Comment by theshrike79

Comment by theshrike79 2 days ago

1 reply

> For the record I do think the AI community tries to unnecessarily reinvent the wheel on crap all the time.

On Reddit's LLM subreddits people are rediscovering the very basics of software project management as some massive insights daily or very least weekly.

Who would've guessed that proper planning, accessible and up to documentation and splitting tasks into manageable testable chunks produces good code? Amazing!

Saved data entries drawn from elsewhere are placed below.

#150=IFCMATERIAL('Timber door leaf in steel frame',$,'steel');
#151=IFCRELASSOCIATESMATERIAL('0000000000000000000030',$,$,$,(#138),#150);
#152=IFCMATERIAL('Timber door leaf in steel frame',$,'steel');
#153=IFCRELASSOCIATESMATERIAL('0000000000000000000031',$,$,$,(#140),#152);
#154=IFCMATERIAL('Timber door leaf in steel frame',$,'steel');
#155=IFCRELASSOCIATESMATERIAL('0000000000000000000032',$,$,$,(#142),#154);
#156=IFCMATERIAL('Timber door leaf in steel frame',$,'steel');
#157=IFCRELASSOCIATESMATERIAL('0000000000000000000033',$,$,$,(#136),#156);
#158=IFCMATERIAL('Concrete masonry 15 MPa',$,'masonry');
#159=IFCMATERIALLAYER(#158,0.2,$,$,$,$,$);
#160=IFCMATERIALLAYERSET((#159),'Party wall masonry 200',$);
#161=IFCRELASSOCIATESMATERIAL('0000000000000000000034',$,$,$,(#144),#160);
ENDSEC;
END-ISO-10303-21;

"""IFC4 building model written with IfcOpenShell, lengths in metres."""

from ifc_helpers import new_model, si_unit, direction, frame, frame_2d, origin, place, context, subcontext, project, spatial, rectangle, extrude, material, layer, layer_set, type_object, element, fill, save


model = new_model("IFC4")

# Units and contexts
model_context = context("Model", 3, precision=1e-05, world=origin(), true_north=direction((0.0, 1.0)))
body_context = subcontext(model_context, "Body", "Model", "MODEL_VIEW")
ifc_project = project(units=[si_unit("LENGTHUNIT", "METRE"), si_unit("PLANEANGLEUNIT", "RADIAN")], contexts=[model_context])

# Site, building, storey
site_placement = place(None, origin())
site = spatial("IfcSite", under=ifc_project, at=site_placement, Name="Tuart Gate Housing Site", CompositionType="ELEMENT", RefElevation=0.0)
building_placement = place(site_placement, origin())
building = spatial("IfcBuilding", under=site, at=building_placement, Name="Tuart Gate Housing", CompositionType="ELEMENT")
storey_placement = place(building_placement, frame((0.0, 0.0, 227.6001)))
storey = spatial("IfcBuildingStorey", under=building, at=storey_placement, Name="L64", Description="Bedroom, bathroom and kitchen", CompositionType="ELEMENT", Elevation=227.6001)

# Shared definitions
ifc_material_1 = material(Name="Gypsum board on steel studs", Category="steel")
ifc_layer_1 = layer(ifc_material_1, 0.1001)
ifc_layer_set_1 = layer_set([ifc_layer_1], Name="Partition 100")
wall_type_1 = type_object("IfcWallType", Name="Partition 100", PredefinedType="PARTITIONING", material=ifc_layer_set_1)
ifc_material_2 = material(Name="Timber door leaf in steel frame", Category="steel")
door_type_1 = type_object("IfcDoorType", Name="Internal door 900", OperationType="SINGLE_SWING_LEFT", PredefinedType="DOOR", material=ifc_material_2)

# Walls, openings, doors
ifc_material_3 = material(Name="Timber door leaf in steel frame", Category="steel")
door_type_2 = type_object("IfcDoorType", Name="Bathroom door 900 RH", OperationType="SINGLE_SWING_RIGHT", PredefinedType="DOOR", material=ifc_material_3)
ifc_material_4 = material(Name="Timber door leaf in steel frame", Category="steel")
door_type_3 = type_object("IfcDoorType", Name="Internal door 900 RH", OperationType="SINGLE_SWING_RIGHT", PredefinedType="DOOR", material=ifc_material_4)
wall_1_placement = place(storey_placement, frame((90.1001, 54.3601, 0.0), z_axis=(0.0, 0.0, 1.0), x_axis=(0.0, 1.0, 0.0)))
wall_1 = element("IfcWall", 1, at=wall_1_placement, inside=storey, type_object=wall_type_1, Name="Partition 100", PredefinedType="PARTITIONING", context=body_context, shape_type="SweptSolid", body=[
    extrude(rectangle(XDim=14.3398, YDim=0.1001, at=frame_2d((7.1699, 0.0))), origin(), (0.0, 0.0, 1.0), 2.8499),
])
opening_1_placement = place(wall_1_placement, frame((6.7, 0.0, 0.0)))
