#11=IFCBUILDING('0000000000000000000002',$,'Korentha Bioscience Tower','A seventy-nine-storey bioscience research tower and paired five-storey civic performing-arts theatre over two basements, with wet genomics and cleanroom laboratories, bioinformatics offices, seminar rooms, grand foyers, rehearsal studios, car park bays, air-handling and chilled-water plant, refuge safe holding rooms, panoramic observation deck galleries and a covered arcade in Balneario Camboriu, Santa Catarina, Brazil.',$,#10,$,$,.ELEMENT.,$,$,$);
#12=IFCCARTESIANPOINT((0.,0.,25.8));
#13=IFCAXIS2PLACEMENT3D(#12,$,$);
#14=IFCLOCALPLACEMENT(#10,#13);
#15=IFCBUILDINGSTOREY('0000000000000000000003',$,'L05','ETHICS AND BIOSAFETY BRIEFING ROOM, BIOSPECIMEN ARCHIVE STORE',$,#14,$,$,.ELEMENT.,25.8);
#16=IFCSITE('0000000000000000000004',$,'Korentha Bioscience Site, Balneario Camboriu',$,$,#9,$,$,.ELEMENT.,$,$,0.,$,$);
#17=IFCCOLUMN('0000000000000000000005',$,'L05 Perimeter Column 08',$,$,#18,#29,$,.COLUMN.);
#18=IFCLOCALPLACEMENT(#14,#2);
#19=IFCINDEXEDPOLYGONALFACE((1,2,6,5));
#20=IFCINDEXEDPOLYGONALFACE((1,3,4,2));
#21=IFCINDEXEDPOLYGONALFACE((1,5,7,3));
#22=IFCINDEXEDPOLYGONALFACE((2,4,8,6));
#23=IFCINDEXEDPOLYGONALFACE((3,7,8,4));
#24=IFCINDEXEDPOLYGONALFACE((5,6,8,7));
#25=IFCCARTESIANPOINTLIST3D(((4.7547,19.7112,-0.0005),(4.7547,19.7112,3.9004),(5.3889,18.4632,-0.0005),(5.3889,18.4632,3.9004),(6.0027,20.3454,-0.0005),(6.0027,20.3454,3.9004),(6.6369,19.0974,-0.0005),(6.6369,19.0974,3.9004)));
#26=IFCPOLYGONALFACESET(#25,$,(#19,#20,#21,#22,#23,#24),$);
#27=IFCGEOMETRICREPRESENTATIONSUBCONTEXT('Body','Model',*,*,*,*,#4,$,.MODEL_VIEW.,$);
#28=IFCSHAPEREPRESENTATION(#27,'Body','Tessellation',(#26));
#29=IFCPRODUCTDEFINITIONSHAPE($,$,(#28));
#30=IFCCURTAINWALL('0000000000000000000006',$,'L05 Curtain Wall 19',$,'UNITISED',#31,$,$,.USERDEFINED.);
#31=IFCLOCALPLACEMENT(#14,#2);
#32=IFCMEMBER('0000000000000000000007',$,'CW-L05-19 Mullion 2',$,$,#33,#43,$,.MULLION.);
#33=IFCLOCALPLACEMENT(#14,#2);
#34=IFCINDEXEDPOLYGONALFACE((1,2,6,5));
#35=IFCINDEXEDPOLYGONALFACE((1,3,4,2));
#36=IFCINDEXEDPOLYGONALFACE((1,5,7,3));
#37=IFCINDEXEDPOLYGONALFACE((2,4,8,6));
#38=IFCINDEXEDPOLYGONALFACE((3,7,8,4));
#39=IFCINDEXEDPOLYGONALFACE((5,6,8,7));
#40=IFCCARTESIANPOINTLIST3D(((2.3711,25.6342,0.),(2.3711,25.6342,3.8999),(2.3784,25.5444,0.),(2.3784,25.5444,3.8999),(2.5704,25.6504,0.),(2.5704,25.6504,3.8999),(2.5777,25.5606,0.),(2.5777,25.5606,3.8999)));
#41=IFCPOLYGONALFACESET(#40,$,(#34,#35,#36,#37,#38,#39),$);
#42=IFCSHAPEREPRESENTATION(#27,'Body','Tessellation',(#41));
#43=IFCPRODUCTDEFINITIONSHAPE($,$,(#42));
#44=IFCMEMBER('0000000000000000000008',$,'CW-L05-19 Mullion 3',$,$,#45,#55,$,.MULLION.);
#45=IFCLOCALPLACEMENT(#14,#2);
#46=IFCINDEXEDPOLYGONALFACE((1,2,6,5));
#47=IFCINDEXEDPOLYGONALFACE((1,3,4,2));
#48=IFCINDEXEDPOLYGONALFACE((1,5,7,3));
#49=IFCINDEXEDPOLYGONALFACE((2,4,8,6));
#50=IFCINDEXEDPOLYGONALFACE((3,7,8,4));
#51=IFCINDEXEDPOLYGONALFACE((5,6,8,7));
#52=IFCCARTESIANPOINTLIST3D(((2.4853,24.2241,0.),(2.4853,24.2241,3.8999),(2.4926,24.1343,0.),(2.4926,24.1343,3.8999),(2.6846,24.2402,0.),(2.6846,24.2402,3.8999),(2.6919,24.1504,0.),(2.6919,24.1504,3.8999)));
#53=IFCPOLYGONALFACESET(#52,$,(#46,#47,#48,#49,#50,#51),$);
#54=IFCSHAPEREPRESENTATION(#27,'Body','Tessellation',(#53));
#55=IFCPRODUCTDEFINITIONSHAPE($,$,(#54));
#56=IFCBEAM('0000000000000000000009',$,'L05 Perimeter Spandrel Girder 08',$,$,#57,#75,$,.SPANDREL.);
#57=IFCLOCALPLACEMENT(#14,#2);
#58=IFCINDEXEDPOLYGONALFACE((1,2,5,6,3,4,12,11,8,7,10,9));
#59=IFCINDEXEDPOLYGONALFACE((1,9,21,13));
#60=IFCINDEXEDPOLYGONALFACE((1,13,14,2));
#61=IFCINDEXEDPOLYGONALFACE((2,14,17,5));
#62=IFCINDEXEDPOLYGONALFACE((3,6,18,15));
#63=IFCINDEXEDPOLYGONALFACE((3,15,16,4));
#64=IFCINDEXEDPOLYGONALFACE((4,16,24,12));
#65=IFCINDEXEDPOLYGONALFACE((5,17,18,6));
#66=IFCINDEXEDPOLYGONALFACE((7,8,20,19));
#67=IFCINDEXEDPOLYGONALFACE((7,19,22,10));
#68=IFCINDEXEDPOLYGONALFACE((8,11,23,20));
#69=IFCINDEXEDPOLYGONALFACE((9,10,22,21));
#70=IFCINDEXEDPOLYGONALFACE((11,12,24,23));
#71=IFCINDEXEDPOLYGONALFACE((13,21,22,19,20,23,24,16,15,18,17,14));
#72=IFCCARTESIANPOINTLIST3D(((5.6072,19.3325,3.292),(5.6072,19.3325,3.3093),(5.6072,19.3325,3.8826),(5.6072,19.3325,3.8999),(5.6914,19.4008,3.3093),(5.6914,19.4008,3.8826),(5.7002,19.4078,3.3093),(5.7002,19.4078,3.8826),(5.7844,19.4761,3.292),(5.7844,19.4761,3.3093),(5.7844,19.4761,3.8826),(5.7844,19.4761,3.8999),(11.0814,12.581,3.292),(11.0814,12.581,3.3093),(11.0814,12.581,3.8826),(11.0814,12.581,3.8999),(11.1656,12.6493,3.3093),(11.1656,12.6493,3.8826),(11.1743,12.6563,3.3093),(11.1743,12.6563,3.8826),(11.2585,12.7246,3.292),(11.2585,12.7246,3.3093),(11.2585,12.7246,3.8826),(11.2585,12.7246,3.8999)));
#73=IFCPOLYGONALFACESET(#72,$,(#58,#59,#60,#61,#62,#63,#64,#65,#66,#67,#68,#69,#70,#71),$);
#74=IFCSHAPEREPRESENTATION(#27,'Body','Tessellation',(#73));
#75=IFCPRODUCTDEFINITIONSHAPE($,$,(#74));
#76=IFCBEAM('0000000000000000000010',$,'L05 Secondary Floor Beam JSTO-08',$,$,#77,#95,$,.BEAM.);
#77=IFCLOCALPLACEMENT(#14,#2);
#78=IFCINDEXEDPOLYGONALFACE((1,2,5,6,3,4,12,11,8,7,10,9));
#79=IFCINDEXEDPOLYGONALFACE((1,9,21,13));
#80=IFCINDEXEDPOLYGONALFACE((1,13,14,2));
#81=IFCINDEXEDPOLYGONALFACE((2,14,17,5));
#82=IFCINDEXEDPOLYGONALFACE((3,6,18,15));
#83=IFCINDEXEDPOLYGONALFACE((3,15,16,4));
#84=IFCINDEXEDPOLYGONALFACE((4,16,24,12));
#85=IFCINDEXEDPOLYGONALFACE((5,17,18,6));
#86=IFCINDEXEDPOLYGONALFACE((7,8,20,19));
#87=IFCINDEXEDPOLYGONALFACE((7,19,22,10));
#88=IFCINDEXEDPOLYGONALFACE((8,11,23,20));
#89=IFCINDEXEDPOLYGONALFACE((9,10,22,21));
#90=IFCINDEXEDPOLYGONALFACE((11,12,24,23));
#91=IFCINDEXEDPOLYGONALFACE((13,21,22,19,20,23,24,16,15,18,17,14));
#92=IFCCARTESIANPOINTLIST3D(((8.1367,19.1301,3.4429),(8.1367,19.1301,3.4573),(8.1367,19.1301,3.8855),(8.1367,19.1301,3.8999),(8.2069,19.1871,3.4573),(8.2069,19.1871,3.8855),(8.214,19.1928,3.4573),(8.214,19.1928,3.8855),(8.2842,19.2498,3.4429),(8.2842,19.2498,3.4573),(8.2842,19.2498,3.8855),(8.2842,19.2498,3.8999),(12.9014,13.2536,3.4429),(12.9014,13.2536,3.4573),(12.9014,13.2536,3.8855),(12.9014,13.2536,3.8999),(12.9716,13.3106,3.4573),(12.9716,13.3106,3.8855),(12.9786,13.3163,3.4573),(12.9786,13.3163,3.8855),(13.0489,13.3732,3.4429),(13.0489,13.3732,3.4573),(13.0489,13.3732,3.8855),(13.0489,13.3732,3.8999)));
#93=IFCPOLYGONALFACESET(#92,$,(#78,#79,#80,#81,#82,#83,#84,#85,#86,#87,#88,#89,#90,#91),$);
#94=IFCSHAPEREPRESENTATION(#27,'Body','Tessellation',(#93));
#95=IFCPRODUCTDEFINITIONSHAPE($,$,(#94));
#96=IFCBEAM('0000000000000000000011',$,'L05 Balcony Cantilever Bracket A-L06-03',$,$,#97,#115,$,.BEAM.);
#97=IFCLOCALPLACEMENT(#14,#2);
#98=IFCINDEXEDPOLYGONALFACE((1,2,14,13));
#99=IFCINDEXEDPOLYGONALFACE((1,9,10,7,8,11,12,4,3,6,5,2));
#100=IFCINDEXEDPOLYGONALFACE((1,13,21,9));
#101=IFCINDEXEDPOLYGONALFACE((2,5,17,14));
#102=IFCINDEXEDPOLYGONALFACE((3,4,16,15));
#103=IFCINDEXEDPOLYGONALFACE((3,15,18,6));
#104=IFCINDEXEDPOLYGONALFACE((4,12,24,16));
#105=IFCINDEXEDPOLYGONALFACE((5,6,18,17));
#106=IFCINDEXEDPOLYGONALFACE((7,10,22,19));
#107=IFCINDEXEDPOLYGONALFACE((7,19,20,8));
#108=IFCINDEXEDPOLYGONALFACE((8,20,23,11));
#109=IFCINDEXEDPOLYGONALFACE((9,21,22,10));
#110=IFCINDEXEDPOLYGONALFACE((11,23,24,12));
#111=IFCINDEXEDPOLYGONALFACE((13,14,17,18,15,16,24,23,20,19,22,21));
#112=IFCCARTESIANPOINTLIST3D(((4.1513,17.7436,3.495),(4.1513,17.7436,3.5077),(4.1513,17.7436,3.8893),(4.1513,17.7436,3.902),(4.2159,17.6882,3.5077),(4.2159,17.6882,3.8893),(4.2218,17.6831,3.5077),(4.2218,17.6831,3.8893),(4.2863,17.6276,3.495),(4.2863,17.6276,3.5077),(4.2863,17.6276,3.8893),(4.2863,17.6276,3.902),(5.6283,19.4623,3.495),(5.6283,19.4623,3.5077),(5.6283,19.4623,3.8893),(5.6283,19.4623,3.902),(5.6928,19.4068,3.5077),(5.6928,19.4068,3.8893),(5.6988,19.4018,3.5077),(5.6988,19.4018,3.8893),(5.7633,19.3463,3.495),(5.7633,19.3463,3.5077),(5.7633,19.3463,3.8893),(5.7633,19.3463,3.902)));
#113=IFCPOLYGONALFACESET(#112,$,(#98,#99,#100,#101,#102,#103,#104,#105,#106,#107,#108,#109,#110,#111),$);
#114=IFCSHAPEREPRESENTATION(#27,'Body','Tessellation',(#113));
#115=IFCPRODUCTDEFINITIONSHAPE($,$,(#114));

Then they write a massive blog post or even some MCP mostrosity for it and post it everywhere as a new discovery =)

dkubb 2 days ago

I can totally understand where you are coming from with this comment. It does feel a bit frustrating that people are rediscovering things that were written in books 30/40/50 years ago.

However, I think this is awesome for the industry. People are rediscovering basic things, but if they didn't know about the existing literature this is a perfect opportunity to refer them to it. And if they were aware, but maybe not practicing it, this is a great time for the ideas to be reinforced.

A lot of people, myself included, never really understand which practices are important or not until we were forced to work on a system that was most definitely not written with any good practices in mind.

My current view of agentic coding is that it's forcing an entire generation of devs to learn software project management or drowning under the mountain of debt an LLM can produce. Previously it took much longer to feel the weight of bad decisions in a project but an LLM allows you to speed-run this process in a few weeks or months.